Far too many Ontarians are languishing in hospital beds when they could be discharged and better cared for elsewhere. One significant cause of hospital overcrowding is a lack of access to home care, long-term care and palliative care. For example, a patient with dementia requiring supportive care provided by a long-term care home ends up living in a hospital due to a lack of available resources in the most appropriate setting. This bottleneck of patients, referred to as alternate-level-of-care, has existed in Ontario for many years, with its root causes remaining unresolved. The pandemic made a bad situation even worse and now the consequences of inaction are more urgent than ever. We urge the government to:

  1. Appropriately fund home care and home-care providers
  2. Explore and expand programs that provide hospital-level care in patients’ homes
  3. Embed care co-ordinators and home care within primary care and Ontario Health Teams
  4. Provide long-term care homes with equipment to prevent unnecessary hospital transfers
  5. Ensure all Ontarians have access to palliative care when they need it

Hospital care is important when necessary, but up to 20 per cent of acute care beds are occupied by patients who should be in another level of care or at home with support. The above initiatives are directed at ensuring patients are receiving the most appropriate care in the best setting to optimize their outcomes and overall use of the health-care system.

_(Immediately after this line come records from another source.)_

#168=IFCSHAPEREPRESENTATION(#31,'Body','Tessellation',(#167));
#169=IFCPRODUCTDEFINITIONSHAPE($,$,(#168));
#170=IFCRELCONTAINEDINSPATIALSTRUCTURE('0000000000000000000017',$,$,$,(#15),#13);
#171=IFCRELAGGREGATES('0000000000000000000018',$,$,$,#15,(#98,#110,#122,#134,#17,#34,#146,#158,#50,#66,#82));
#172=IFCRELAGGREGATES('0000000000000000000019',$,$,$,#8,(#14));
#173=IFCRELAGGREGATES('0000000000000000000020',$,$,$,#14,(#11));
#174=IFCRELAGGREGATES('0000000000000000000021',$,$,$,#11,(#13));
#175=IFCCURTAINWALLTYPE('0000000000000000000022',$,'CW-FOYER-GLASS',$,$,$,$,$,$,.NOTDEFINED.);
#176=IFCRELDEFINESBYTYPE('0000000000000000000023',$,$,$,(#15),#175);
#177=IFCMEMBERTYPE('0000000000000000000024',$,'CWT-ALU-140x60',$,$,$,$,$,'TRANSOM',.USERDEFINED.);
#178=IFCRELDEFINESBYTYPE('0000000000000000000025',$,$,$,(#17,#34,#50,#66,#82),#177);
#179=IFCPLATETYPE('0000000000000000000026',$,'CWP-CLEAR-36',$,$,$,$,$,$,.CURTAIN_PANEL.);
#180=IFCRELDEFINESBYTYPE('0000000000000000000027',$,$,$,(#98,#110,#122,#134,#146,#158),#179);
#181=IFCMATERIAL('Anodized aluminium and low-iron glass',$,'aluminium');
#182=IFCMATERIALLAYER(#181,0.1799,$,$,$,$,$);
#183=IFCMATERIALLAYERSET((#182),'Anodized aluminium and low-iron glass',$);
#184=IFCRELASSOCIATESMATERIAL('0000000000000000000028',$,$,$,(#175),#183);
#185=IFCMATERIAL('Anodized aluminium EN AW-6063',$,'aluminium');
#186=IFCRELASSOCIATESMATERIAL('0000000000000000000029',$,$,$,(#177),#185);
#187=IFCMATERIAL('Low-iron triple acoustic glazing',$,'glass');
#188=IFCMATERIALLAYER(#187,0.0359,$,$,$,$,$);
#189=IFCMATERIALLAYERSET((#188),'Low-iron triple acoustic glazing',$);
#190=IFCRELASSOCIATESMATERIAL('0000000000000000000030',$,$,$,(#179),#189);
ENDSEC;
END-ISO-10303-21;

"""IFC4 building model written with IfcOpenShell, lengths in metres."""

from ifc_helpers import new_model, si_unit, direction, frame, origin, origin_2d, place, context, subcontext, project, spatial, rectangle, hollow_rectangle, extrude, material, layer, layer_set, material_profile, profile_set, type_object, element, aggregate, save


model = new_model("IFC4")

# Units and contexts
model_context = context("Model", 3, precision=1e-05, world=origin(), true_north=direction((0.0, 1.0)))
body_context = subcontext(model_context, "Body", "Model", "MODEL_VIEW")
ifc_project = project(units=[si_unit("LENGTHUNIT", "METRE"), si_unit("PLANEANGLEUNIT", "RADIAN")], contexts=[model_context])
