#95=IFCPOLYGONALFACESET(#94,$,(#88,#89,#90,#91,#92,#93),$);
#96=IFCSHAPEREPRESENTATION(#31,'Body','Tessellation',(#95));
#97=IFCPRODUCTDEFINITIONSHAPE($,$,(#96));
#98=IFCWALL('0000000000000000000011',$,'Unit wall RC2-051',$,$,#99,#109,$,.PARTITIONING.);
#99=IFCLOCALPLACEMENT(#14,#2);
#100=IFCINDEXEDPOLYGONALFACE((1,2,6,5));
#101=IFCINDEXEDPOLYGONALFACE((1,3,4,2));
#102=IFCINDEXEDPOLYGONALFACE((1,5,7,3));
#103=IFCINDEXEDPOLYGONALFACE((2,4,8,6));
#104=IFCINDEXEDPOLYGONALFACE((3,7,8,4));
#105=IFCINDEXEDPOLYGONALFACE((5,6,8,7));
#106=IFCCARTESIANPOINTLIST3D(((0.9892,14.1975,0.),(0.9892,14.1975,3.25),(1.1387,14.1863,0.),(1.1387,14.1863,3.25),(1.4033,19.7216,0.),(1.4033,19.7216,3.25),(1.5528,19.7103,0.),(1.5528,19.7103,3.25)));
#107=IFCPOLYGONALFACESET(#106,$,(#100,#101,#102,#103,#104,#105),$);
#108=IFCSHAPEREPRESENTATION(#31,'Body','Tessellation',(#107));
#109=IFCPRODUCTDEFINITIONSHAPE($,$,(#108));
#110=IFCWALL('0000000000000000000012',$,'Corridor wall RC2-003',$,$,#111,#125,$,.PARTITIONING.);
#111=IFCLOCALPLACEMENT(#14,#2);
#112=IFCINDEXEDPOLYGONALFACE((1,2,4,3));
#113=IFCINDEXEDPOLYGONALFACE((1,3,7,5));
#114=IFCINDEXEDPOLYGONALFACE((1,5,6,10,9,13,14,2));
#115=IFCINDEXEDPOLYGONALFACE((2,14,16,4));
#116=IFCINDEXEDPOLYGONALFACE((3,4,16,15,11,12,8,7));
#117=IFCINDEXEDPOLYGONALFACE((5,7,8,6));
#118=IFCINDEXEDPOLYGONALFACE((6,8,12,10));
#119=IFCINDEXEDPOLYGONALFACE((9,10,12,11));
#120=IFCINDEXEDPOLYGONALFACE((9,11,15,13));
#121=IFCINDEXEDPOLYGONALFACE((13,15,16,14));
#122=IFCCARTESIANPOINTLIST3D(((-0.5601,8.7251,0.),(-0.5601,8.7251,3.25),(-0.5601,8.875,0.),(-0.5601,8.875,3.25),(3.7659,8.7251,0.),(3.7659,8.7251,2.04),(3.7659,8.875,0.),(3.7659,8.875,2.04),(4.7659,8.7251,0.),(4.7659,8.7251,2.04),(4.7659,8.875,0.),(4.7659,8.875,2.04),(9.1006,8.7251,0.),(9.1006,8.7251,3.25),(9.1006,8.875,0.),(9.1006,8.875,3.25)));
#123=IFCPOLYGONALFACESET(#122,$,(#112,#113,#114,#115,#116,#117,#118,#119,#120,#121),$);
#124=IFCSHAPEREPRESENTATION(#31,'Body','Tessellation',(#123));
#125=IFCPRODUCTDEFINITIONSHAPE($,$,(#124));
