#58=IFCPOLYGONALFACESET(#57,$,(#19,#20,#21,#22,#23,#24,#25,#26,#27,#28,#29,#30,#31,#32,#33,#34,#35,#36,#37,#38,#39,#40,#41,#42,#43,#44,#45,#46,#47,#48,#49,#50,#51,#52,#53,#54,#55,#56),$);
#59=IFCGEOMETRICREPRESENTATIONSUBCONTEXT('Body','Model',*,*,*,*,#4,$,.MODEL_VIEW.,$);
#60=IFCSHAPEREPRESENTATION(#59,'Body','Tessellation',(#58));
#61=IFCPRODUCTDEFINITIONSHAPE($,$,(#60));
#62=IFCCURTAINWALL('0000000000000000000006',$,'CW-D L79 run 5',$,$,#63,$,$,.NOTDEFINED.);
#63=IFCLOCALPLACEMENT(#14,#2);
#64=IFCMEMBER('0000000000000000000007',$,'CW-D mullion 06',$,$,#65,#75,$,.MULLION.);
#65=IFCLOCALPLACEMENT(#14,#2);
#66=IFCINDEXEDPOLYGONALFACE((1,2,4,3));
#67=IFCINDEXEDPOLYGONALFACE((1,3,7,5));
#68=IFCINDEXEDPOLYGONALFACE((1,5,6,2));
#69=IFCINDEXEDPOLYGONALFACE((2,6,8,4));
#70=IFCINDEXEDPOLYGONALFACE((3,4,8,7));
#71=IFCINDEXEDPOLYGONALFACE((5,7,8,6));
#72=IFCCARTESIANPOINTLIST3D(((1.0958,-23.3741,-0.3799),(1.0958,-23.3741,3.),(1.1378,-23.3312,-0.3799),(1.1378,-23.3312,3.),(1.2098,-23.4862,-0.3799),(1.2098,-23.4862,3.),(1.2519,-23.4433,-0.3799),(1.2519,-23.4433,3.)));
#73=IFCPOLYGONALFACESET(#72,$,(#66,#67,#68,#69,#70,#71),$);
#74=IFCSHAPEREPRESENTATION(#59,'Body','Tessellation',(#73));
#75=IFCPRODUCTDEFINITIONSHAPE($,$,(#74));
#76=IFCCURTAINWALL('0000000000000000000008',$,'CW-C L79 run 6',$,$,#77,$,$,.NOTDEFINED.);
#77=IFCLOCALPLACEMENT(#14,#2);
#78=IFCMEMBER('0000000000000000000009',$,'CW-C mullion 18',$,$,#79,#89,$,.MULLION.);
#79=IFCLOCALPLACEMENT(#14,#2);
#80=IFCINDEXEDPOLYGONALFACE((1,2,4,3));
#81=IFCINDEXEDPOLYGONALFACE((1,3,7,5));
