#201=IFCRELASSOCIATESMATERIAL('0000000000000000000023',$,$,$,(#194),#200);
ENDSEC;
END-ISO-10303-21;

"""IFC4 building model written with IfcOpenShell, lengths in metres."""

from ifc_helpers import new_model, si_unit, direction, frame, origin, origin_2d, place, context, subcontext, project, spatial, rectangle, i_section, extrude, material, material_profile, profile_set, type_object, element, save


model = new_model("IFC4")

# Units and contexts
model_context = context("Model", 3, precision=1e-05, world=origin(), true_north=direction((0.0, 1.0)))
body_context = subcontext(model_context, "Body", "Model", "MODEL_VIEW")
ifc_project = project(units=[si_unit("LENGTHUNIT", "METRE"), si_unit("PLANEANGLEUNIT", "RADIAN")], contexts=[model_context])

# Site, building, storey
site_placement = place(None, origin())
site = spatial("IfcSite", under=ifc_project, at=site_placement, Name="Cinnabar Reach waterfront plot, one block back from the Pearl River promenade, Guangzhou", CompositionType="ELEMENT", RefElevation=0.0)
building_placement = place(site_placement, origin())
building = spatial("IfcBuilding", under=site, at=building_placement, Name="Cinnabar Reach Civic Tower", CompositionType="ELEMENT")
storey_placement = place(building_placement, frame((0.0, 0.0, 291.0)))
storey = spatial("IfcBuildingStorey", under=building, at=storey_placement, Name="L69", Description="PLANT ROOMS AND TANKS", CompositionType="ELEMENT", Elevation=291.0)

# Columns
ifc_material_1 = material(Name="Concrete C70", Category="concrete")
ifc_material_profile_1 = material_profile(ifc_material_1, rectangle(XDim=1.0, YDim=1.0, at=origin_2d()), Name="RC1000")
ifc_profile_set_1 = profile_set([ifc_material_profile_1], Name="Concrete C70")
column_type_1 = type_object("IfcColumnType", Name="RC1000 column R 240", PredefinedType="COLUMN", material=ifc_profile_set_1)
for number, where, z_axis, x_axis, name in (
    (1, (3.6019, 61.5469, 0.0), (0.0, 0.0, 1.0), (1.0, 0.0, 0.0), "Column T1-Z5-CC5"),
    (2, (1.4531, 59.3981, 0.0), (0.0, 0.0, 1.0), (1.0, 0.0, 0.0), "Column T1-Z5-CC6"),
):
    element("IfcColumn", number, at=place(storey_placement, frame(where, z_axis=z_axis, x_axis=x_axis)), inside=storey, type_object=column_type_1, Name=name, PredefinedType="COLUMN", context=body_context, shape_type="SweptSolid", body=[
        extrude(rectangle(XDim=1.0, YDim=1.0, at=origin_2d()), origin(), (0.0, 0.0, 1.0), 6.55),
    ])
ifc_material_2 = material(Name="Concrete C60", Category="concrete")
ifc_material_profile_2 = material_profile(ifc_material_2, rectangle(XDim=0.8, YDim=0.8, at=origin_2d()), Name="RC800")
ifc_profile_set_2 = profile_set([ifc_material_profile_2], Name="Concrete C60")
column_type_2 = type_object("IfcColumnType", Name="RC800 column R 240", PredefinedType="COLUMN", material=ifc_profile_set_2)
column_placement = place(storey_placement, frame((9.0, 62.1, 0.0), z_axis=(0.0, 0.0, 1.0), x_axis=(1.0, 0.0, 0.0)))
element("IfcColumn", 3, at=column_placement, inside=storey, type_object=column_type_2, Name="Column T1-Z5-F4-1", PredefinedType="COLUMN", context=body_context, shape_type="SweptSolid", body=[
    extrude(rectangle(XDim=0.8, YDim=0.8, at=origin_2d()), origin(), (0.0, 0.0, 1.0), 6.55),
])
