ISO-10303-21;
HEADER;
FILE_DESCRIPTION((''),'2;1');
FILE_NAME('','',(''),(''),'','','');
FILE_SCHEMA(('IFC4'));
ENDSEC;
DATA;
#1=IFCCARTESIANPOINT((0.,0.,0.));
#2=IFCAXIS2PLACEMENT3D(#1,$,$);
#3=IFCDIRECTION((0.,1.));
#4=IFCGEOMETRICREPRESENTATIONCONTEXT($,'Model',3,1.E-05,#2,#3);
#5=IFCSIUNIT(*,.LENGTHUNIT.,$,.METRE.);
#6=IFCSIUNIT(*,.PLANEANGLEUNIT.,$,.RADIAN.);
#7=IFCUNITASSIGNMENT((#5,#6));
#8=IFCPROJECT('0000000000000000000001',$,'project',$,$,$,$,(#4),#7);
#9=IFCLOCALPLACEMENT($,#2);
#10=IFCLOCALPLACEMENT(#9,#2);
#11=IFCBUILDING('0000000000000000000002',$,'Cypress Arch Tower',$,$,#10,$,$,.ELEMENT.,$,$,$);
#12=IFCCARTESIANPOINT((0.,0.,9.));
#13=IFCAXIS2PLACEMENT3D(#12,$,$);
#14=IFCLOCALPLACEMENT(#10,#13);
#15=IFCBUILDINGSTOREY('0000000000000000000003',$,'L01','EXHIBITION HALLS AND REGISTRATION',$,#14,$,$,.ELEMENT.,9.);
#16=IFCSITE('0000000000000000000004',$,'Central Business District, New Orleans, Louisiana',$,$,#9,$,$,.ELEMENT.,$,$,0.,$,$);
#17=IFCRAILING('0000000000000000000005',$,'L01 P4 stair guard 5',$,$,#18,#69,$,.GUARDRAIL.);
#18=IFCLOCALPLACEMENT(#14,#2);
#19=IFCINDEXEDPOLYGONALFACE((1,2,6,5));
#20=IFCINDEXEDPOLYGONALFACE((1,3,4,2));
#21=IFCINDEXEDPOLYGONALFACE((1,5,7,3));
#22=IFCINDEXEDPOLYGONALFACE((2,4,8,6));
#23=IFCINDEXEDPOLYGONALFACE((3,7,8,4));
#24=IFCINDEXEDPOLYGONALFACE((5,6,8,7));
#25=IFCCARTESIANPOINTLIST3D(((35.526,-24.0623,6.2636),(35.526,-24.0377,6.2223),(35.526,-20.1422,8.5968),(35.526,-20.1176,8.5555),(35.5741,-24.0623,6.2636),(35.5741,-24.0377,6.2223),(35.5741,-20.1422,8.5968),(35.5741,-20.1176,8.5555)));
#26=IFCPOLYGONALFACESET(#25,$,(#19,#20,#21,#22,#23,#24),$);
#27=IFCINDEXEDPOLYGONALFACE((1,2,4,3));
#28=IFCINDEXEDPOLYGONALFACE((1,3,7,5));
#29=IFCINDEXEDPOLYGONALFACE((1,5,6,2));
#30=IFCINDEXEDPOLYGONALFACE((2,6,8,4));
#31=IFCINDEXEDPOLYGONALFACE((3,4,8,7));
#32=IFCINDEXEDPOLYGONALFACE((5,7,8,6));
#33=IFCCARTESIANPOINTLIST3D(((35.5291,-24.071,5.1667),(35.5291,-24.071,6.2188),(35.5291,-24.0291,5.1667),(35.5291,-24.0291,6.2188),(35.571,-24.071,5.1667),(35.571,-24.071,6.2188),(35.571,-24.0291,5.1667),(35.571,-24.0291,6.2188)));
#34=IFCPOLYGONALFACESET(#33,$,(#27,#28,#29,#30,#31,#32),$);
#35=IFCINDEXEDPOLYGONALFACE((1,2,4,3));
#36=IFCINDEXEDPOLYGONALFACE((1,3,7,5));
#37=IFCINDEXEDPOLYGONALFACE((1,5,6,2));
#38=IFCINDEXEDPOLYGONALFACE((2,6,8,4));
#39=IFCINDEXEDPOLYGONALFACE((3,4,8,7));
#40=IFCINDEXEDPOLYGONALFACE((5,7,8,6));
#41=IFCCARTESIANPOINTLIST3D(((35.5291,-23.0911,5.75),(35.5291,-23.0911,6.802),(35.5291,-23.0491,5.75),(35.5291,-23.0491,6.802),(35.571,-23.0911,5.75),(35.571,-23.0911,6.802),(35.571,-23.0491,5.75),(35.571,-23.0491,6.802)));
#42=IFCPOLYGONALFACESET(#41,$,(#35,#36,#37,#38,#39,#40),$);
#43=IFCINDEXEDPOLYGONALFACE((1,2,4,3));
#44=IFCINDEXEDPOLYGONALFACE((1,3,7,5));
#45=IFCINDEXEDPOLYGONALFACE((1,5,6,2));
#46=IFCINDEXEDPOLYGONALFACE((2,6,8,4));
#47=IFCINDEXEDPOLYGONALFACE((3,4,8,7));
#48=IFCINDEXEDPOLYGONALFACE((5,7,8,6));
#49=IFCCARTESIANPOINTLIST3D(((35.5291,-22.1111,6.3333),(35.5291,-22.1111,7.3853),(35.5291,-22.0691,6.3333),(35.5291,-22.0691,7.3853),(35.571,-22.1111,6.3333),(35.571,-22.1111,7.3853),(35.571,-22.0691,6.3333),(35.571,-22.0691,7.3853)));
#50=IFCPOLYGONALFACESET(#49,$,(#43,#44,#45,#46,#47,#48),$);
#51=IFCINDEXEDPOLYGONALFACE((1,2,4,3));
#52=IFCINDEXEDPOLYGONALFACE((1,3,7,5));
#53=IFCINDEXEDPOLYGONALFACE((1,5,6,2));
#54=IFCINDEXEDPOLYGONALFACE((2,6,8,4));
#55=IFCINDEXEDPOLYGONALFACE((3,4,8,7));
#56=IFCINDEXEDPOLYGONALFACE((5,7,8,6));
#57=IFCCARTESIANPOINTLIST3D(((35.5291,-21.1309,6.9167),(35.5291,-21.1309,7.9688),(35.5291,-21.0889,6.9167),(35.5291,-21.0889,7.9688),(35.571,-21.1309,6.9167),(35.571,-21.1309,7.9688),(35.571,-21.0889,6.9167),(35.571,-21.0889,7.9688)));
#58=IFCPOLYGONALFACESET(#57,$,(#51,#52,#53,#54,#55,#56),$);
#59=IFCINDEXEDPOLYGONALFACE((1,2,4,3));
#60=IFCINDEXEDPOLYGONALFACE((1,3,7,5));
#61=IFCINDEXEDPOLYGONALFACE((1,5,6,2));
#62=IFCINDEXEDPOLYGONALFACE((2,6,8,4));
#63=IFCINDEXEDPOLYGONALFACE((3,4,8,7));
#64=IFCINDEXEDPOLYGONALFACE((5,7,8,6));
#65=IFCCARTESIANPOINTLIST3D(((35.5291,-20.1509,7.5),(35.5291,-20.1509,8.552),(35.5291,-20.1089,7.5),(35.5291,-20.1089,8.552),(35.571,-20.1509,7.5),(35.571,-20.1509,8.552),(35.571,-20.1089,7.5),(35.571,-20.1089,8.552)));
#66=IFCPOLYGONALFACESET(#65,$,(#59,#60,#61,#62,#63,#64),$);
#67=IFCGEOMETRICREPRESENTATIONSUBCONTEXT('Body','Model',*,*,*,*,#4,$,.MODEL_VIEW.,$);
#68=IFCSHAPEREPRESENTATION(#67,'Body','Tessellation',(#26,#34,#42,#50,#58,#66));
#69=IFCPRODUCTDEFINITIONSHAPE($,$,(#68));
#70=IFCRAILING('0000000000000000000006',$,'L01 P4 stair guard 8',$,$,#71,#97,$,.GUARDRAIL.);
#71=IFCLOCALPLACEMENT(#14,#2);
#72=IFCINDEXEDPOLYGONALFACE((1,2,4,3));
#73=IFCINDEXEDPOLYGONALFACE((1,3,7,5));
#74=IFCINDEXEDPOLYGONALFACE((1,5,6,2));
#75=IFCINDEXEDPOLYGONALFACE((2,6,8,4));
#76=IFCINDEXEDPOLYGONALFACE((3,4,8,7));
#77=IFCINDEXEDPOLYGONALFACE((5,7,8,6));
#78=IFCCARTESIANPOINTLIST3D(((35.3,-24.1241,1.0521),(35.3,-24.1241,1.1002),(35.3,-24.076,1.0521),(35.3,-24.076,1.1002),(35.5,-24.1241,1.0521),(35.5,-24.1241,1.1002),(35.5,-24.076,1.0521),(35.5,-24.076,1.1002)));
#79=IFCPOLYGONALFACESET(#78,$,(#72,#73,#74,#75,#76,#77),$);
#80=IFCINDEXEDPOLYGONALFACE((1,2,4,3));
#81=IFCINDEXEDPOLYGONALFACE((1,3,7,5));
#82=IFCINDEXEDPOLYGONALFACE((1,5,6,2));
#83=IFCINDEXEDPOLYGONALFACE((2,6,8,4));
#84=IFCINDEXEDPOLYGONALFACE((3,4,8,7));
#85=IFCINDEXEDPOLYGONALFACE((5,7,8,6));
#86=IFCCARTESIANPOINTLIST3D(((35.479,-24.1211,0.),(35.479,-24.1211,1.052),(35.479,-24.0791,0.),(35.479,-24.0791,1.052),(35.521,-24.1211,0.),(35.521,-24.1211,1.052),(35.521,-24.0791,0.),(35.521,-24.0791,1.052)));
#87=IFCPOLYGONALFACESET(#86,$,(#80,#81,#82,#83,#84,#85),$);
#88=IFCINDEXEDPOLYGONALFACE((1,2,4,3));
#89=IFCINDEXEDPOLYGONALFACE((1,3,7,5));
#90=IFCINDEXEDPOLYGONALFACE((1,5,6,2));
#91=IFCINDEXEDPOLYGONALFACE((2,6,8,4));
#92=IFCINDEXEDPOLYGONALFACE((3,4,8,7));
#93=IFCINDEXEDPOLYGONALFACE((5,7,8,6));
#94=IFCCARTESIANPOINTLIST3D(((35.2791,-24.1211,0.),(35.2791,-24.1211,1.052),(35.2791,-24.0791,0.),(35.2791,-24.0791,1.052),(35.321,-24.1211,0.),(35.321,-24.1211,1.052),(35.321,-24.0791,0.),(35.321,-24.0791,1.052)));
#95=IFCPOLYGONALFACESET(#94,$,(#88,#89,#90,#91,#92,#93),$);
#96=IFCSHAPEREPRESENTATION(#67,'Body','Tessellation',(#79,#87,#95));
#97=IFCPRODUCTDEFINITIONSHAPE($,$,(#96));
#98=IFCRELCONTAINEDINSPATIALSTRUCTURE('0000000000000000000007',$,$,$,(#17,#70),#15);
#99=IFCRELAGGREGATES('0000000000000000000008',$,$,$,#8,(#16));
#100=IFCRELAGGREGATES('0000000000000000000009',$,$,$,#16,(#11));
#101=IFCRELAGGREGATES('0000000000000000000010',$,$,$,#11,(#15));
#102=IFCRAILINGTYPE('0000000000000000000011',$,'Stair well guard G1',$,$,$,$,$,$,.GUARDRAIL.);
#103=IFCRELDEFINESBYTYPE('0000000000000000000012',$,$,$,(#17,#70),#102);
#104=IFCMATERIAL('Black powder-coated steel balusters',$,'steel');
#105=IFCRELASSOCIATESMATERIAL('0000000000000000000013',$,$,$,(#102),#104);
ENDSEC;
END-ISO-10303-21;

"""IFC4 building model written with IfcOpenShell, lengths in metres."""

from ifc_helpers import new_model, si_unit, direction, frame, origin, origin_2d, place, context, subcontext, project, spatial, rectangle, extrude, material, type_object, element, save


model = new_model("IFC4")

# Units and contexts
model_context = context("Model", 3, precision=1e-05, world=origin(), true_north=direction((0.0, 1.0)))
body_context = subcontext(model_context, "Body", "Model", "MODEL_VIEW")
ifc_project = project(units=[si_unit("LENGTHUNIT", "METRE"), si_unit("PLANEANGLEUNIT", "RADIAN")], contexts=[model_context])

# Site, building, storey
site_placement = place(None, origin())
site = spatial("IfcSite", under=ifc_project, at=site_placement, Name="Central Business District, New Orleans, Louisiana", CompositionType="ELEMENT", RefElevation=0.0)
building_placement = place(site_placement, origin())
building = spatial("IfcBuilding", under=site, at=building_placement, Name="Cypress Arch Tower", CompositionType="ELEMENT")
storey_placement = place(building_placement, frame((0.0, 0.0, 9.0)))
storey = spatial("IfcBuildingStorey", under=building, at=storey_placement, Name="L01", Description="EXHIBITION HALLS AND REGISTRATION", CompositionType="ELEMENT", Elevation=9.0)

# Railings
ifc_material_1 = material(Name="Black powder-coated steel balusters", Category="steel")
railing_type_1 = type_object("IfcRailingType", Name="Stair well guard G1", PredefinedType="GUARDRAIL", material=ifc_material_1)
railing_1_placement = place(storey_placement, frame((35.55, -24.05, 5.1667)))
element("IfcRailing", 1, at=railing_1_placement, inside=storey, type_object=railing_type_1, Name="L01 P4 stair guard 5", PredefinedType="GUARDRAIL", context=body_context, shape_type="SweptSolid", body=[
    extrude(rectangle(XDim=0.0481, YDim=0.0481, at=origin_2d()), frame((0.0, 0.0, 1.0762), z_axis=(0.0, 0.85931, 0.511455), x_axis=(-1.0, 0.0, 0.0)), (0.0, 0.0, 1.0), 4.562),
    extrude(rectangle(XDim=0.042, YDim=0.042, at=origin_2d()), origin(), (0.0, 0.0, 1.0), 1.052),
    extrude(rectangle(XDim=0.042, YDim=0.042, at=origin_2d()), frame((0.0, 0.98, 0.5833)), (0.0, 0.0, 1.0), 1.052),
    extrude(rectangle(XDim=0.042, YDim=0.042, at=origin_2d()), frame((0.0, 1.96, 1.1665)), (0.0, 0.0, 1.0), 1.052),
    extrude(rectangle(XDim=0.042, YDim=0.042, at=origin_2d()), frame((0.0, 2.9402, 1.75)), (0.0, 0.0, 1.0), 1.052),
    extrude(rectangle(XDim=0.042, YDim=0.042, at=origin_2d()), frame((0.0, 3.9202, 2.3333)), (0.0, 0.0, 1.0), 1.052),
])
railing_2_placement = place(storey_placement, frame((35.5, -24.1001, 0.0)))
element("IfcRailing", 2, at=railing_2_placement, inside=storey, type_object=railing_type_1, Name="L01 P4 stair guard 8", PredefinedType="GUARDRAIL", context=body_context, shape_type="SweptSolid", body=[
    extrude(rectangle(XDim=0.0481, YDim=0.0481, at=origin_2d()), frame((0.0, 0.0, 1.0762), z_axis=(-1.0, 0.0, 0.0), x_axis=(0.0, -1.0, 0.0)), (0.0, 0.0, 1.0), 0.2),
    extrude(rectangle(XDim=0.042, YDim=0.042, at=origin_2d()), origin(), (0.0, 0.0, 1.0), 1.052),
    extrude(rectangle(XDim=0.042, YDim=0.042, at=origin_2d()), frame((-0.2, 0.0, 0.0)), (0.0, 0.0, 1.0), 1.052),
])

save(model, "model.ifc")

As the representative of Ontario’s doctors, we understand there are issues at multiple levels in the health-care system and we are committed to addressing them in partnership with the government. However, the solutions previously outlined address urgent concerns. We believe that tangible action on these solutions will send a strong and confident message to the people Ontario, its doctors and others in the health-care workforce that this government is committed to building a better system.